Sidoti analyst Frank Camma established a Buy rating on the stock, along with a $25 price target that implies 69% of upside even after last week's pop.

Camma feels that the combination of management's commitment to cutting costs and a general corporate trend to encourage healthier lifestyles in order to improve health insurance overhead should result in marginwidening profit growth in the future. It also doesn't hurt that the ultimate tastemaker is now in Weight Watchers' corner.

The O effect

Weight Watchers was waffling about in the single digits last year, bottoming out at $3.67 during the summer. Then Oprah Winfrey took a 10% stake in Weight Watchers in October, promising to take an active role in promoting the brand. 

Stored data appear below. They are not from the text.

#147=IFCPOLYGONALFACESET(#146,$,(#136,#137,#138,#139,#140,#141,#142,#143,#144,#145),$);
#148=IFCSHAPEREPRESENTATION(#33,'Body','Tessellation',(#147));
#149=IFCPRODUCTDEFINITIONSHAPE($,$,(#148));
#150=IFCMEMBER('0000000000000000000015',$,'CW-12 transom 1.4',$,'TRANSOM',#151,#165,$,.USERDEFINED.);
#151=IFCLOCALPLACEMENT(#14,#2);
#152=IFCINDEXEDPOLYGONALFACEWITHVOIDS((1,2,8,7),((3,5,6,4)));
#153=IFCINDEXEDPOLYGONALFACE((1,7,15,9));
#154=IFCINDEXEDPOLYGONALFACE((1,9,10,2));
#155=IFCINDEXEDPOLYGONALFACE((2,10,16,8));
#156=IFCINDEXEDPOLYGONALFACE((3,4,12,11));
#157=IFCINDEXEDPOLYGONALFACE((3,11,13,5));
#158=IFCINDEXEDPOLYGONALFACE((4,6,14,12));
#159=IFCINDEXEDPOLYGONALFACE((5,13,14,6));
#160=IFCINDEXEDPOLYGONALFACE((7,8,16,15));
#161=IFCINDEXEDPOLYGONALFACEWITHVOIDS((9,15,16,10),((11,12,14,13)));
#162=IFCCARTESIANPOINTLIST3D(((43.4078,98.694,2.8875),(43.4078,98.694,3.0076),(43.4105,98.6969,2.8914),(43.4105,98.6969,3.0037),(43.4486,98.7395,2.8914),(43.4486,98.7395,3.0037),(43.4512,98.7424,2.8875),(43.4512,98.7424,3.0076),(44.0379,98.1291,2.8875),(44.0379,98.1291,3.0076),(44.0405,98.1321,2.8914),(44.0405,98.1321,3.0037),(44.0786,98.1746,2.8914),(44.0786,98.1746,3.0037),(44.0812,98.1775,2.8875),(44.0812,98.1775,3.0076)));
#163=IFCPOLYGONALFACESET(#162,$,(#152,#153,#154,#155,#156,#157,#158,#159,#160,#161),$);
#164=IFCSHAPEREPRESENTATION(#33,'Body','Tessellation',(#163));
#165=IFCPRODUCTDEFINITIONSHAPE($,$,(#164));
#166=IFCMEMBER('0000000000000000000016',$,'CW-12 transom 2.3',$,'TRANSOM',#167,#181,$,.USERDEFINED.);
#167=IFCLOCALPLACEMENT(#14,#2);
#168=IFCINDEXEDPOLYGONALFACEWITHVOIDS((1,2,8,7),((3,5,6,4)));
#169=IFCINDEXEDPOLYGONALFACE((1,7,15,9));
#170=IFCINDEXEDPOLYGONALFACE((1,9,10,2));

The stock was volatile before, but then it got really volatile. Winfrey's influence -- particularly over the middle-aged women demographics group that make up a juicy chunk of Weight Watchers' audience -- is undeniable. The swings have gotten pretty wild with the stock experiencing double-digit percentage moves in 13 of the past 23 weeks. The one-year beta for Weight Watchers has ballooned up to 3.41, according to S&P Global Market Intelligence data. This is the kind of volatility that folks associate with penny stocks, not an established and profitable company trading in the mid-teens.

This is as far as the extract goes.